Wiec jesli mowisz o krzakach w pliku to bardzo dobrze, bo to nie jest plik tekstowy. To jest plik pcap, ktory zawiera cale pakiety i mozna go czytac pozniej programami typu wireshark. Dzieki temu mozna zobaczyc jak wygladala komunikacja miedzy serwerem i klientem. Jesli masz dzisiaj chwile wieczorem, to wyslij mi maila na tokoloshe malpiszon interia.pl. Pogadamy na gadu albo czyms takim. Nie bedziemy tu zasmiecac  :Smile:  A jak cos wydumamy to napiszemy rozwiazanie. 

A przypadkiem ten serwer to zaden z tych dla ktorych masz wlaczone sync?

----------

## tokoloshe

No wiec po kolei:)

Najwazniejsze: lftp laczyl sie wykorzystujac TLS, gftp nie. Po wylaczeniu TLS wszystko dzialalo poprawnie. 

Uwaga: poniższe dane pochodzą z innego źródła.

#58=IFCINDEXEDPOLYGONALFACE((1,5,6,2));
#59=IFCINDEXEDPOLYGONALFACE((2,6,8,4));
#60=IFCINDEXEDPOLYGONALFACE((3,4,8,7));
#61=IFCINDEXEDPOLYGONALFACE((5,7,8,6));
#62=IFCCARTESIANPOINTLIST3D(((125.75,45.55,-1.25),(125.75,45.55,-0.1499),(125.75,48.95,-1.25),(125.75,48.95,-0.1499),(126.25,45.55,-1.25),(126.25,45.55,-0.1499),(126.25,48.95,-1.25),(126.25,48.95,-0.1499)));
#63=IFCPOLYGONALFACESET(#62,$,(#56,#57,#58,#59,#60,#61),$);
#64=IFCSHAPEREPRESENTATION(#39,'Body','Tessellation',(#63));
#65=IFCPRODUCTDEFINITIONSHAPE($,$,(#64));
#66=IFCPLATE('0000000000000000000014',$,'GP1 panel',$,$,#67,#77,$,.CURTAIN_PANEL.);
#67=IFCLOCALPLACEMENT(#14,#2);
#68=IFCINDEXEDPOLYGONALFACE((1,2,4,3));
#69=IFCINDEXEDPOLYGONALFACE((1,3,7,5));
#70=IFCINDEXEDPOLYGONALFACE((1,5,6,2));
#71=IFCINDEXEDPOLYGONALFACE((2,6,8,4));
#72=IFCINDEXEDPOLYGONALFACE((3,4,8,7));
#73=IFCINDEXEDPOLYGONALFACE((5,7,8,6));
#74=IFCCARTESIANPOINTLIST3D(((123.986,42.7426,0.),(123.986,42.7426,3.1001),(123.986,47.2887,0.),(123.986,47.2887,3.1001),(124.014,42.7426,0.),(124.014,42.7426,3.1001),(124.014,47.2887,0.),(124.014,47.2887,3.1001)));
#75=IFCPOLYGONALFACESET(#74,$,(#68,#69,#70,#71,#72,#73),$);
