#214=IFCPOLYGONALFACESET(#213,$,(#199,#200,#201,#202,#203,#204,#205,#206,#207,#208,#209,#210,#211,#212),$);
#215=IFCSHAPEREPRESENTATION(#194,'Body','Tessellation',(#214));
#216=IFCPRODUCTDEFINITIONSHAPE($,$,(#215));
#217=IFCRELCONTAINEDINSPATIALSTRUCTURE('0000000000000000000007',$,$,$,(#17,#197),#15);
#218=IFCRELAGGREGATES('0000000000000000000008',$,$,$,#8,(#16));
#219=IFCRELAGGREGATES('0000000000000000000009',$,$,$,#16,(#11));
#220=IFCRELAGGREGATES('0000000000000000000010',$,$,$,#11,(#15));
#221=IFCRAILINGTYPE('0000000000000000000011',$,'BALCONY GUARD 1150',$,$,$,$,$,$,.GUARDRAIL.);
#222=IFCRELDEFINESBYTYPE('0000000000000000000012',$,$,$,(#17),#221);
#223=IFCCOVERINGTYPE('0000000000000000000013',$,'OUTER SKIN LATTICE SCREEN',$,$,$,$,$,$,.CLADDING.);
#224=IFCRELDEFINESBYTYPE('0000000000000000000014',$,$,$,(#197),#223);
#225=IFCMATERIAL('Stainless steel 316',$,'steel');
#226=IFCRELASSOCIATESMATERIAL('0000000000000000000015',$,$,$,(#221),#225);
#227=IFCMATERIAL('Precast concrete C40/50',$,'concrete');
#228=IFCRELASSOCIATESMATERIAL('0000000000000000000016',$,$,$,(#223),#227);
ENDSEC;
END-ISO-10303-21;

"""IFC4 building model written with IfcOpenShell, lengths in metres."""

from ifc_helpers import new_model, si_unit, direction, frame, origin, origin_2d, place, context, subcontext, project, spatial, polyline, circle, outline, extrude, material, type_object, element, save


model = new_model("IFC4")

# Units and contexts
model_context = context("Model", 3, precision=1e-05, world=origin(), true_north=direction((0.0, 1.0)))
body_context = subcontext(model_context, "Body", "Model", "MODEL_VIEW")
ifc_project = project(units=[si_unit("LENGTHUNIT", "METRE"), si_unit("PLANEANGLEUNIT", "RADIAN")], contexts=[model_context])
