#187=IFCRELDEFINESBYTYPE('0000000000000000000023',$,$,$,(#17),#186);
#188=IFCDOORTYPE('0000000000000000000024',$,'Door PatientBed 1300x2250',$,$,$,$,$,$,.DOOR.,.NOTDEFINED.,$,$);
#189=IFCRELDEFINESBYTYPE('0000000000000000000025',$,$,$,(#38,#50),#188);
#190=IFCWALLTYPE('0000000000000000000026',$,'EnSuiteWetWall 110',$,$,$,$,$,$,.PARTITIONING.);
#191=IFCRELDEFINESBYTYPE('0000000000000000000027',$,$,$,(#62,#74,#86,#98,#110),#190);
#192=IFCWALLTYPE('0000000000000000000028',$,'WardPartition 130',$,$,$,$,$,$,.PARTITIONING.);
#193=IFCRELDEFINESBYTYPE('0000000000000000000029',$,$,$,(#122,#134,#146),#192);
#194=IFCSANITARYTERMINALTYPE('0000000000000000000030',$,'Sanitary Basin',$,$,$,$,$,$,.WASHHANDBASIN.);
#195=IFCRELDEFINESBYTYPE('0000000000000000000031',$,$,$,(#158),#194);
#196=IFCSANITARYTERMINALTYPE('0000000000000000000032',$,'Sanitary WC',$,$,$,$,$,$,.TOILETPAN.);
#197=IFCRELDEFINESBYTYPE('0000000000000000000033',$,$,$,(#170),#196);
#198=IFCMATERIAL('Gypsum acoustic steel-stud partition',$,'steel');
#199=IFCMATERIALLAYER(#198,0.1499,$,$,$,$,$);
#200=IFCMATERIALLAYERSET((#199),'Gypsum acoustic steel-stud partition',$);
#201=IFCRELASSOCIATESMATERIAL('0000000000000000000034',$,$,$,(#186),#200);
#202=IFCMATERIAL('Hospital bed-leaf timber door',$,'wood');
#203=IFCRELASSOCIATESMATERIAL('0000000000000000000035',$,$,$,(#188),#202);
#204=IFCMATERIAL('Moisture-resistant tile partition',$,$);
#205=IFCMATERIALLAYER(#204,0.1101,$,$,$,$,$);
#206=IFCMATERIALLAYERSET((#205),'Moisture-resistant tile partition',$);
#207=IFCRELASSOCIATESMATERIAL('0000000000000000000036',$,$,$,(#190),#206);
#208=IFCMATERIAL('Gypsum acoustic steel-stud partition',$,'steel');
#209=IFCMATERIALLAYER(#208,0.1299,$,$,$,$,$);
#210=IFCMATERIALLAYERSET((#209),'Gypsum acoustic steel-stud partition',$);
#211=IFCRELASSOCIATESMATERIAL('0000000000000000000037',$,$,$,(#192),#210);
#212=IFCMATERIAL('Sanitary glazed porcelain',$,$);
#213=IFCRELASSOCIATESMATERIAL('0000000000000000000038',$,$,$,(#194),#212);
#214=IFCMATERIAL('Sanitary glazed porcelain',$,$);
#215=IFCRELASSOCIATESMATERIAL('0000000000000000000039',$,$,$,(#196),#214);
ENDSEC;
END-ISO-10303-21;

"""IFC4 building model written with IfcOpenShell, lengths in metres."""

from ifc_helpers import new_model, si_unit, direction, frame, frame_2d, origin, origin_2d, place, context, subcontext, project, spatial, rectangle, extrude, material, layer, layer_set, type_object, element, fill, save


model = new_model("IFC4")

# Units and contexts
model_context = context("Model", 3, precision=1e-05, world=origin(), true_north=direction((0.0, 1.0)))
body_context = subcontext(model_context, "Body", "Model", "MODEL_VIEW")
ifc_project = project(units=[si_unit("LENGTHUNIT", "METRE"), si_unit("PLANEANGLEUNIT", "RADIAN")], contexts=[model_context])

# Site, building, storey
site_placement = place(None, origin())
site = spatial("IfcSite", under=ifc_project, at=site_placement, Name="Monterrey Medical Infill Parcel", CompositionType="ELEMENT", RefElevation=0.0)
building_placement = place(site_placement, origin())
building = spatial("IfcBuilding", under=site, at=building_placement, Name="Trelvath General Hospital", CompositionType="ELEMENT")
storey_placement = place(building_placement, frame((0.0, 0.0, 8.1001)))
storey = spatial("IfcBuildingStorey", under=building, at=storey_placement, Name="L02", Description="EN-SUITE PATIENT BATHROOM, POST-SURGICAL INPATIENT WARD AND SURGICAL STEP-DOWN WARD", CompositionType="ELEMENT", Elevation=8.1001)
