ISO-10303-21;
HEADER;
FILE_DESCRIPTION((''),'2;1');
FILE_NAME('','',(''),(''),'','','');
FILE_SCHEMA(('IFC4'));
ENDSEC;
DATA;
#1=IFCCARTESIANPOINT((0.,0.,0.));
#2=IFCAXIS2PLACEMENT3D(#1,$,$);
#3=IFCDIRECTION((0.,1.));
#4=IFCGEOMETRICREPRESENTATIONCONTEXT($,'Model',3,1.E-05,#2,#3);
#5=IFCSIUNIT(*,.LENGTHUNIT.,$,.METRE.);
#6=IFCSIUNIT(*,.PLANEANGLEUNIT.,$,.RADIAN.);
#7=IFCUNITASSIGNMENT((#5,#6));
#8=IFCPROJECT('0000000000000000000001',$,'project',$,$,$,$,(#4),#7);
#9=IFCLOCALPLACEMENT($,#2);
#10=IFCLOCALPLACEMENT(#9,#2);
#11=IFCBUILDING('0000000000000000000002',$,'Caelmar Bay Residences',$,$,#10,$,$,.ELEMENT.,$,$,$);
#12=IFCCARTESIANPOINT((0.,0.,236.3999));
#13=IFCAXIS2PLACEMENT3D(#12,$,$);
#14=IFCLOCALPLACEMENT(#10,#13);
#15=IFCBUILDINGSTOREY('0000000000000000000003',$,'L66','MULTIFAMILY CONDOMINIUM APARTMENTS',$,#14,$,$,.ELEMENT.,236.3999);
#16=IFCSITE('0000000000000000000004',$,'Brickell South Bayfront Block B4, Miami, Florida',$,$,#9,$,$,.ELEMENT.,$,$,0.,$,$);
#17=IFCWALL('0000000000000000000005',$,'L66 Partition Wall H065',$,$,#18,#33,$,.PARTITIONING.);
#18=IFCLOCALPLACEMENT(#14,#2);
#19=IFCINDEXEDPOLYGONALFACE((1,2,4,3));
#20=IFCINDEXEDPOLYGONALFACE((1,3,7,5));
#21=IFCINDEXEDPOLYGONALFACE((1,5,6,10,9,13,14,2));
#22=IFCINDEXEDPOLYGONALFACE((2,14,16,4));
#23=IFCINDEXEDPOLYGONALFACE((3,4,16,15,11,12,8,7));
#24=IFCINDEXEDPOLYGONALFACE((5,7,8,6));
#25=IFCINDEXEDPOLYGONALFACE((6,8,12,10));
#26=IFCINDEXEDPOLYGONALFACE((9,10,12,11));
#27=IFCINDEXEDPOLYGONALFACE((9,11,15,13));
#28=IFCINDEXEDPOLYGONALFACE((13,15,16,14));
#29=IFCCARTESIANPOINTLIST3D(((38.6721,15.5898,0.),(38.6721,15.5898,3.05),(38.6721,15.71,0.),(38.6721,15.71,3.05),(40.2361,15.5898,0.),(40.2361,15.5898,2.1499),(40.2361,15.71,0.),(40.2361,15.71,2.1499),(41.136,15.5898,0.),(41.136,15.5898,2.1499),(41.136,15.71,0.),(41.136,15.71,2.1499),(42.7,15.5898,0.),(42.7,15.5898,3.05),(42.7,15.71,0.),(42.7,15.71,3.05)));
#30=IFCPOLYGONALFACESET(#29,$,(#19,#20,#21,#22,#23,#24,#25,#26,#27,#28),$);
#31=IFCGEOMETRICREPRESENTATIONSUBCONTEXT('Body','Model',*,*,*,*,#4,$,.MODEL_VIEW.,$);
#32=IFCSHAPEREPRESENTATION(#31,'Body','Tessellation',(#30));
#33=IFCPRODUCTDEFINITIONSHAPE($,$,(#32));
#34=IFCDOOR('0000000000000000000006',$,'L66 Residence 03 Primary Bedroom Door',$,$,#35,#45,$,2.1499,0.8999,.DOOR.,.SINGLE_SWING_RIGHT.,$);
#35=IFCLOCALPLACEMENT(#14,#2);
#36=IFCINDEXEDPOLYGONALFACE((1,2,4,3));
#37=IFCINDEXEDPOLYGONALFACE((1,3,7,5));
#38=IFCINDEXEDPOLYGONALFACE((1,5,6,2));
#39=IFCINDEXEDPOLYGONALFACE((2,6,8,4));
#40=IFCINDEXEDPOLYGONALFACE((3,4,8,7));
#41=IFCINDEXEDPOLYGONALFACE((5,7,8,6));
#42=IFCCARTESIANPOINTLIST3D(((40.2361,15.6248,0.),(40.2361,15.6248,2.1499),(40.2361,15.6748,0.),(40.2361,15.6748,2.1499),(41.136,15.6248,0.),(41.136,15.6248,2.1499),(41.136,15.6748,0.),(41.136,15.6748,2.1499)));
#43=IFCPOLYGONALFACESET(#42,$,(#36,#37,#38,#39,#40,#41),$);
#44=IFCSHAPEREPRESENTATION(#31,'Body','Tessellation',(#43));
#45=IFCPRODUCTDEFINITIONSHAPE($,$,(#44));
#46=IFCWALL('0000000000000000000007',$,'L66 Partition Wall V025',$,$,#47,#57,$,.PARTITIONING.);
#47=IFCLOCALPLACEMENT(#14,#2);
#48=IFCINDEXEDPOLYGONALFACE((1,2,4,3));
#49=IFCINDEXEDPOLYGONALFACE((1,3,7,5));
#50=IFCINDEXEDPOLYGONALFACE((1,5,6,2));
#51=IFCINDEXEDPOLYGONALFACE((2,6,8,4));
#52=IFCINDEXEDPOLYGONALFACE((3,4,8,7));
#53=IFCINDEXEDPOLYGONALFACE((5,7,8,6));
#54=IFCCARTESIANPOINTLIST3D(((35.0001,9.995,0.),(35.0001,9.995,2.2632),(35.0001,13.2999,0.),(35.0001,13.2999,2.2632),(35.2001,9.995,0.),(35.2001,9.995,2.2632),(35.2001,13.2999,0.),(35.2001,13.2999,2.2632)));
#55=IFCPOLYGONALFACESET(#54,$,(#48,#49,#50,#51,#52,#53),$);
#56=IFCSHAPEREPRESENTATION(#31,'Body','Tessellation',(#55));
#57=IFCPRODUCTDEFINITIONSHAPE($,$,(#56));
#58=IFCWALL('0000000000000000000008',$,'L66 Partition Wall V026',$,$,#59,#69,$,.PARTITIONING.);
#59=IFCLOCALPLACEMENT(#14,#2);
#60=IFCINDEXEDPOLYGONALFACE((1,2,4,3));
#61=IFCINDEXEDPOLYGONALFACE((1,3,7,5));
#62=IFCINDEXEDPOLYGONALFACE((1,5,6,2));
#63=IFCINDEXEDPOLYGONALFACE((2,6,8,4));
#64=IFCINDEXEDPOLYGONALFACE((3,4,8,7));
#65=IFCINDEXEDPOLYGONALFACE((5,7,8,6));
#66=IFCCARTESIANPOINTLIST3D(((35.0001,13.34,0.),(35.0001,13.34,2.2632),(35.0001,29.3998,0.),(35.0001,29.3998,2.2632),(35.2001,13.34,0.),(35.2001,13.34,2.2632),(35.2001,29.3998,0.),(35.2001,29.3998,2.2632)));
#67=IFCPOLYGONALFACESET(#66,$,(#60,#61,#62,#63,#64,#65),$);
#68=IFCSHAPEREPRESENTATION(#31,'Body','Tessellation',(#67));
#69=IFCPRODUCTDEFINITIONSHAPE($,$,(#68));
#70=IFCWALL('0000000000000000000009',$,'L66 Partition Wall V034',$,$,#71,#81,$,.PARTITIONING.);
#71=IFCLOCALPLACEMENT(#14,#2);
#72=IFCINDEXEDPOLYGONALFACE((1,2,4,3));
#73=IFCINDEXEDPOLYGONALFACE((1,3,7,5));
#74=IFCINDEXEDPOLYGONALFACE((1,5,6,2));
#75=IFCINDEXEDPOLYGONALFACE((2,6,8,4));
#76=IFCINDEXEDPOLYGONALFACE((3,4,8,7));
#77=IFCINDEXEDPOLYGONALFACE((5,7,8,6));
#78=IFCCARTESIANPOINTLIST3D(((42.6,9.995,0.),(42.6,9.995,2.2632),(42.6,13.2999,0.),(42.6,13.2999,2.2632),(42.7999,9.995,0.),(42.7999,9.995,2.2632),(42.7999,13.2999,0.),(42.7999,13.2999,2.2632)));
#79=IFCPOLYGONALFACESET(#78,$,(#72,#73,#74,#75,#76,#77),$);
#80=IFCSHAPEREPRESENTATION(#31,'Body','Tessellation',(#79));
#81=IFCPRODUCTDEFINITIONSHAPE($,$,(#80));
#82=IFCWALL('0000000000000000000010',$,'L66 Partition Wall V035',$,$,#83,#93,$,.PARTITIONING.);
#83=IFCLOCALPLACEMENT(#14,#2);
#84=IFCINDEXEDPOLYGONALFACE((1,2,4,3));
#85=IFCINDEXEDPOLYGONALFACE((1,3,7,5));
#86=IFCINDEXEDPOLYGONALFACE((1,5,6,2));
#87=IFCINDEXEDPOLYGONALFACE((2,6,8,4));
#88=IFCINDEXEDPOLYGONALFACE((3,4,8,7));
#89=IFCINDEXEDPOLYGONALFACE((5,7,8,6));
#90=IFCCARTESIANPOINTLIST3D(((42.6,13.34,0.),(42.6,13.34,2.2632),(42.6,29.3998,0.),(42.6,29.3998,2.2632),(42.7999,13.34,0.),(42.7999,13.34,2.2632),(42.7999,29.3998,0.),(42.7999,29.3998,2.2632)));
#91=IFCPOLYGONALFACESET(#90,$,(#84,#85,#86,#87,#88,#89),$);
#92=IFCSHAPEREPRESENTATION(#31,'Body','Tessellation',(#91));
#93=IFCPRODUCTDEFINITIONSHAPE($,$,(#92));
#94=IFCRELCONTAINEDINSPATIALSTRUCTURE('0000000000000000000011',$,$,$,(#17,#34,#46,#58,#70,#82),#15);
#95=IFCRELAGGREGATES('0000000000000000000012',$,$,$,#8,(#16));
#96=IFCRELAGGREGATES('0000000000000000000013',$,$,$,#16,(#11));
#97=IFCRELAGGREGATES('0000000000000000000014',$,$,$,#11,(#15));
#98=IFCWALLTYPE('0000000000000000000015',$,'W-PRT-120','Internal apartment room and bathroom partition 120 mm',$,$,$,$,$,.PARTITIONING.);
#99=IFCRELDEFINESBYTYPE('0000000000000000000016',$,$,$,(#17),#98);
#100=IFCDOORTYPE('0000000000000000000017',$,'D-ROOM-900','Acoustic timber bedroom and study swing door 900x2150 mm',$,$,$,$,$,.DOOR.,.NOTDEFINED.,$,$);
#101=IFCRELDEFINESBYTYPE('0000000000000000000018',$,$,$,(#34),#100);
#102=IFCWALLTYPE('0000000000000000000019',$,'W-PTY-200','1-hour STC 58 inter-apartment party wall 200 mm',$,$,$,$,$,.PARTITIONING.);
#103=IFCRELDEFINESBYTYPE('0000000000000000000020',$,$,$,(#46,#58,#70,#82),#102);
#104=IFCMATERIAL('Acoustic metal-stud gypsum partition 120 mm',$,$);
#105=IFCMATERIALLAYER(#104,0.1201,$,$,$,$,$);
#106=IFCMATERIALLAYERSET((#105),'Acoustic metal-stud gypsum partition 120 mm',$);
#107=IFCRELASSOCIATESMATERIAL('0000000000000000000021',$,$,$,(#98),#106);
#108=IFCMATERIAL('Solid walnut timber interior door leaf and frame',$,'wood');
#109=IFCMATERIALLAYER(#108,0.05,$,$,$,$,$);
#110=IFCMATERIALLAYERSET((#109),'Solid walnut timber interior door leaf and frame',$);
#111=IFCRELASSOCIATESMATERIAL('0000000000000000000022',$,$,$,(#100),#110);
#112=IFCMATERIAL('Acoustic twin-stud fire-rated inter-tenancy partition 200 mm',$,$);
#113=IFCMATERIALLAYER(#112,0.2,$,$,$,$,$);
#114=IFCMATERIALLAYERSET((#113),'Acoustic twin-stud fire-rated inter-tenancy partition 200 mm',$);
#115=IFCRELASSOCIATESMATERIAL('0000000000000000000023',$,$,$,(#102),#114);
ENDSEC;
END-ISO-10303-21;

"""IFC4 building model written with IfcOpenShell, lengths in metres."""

from ifc_helpers import new_model, si_unit, direction, frame, frame_2d, origin, place, context, subcontext, project, spatial, rectangle, extrude, material, layer, layer_set, type_object, element, fill, save


model = new_model("IFC4")

# Units and contexts
model_context = context("Model", 3, precision=1e-05, world=origin(), true_north=direction((0.0, 1.0)))
body_context = subcontext(model_context, "Body", "Model", "MODEL_VIEW")
ifc_project = project(units=[si_unit("LENGTHUNIT", "METRE"), si_unit("PLANEANGLEUNIT", "RADIAN")], contexts=[model_context])

# Site, building, storey
site_placement = place(None, origin())
site = spatial("IfcSite", under=ifc_project, at=site_placement, Name="Brickell South Bayfront Block B4, Miami, Florida", CompositionType="ELEMENT", RefElevation=0.0)
building_placement = place(site_placement, origin())
building = spatial("IfcBuilding", under=site, at=building_placement, Name="Caelmar Bay Residences", CompositionType="ELEMENT")
storey_placement = place(building_placement, frame((0.0, 0.0, 236.3999)))
storey = spatial("IfcBuildingStorey", under=building, at=storey_placement, Name="L66", Description="MULTIFAMILY CONDOMINIUM APARTMENTS", CompositionType="ELEMENT", Elevation=236.3999)

# Shared definitions
ifc_material_1 = material(Name="Acoustic metal-stud gypsum partition 120 mm")
ifc_layer_1 = layer(ifc_material_1, 0.1201)
ifc_layer_set_1 = layer_set([ifc_layer_1], Name="Acoustic metal-stud gypsum partition 120 mm")
wall_type_1 = type_object("IfcWallType", Name="W-PRT-120", Description="Internal apartment room and bathroom partition 120 mm", PredefinedType="PARTITIONING", material=ifc_layer_set_1)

Moja teoria dlaczego nie dziala z wlaczonym TLS: osoby odpowiadajace za serwer wlaczyly iptables (lub innego firewalla) sledzacego polaczenia FTP. Wysokie porty otwierane sa tylko na potrzeby polaczen FTP. W przypadku TLS - firewall nie jest w stanie sledzic polaczenia i nie otwiera portow. 

Serwer FTP nie obsluguje wylaczenia szyfrowania kanalu z komendami, wiec nie bardzo jest jak wykorzystac TLS.

----------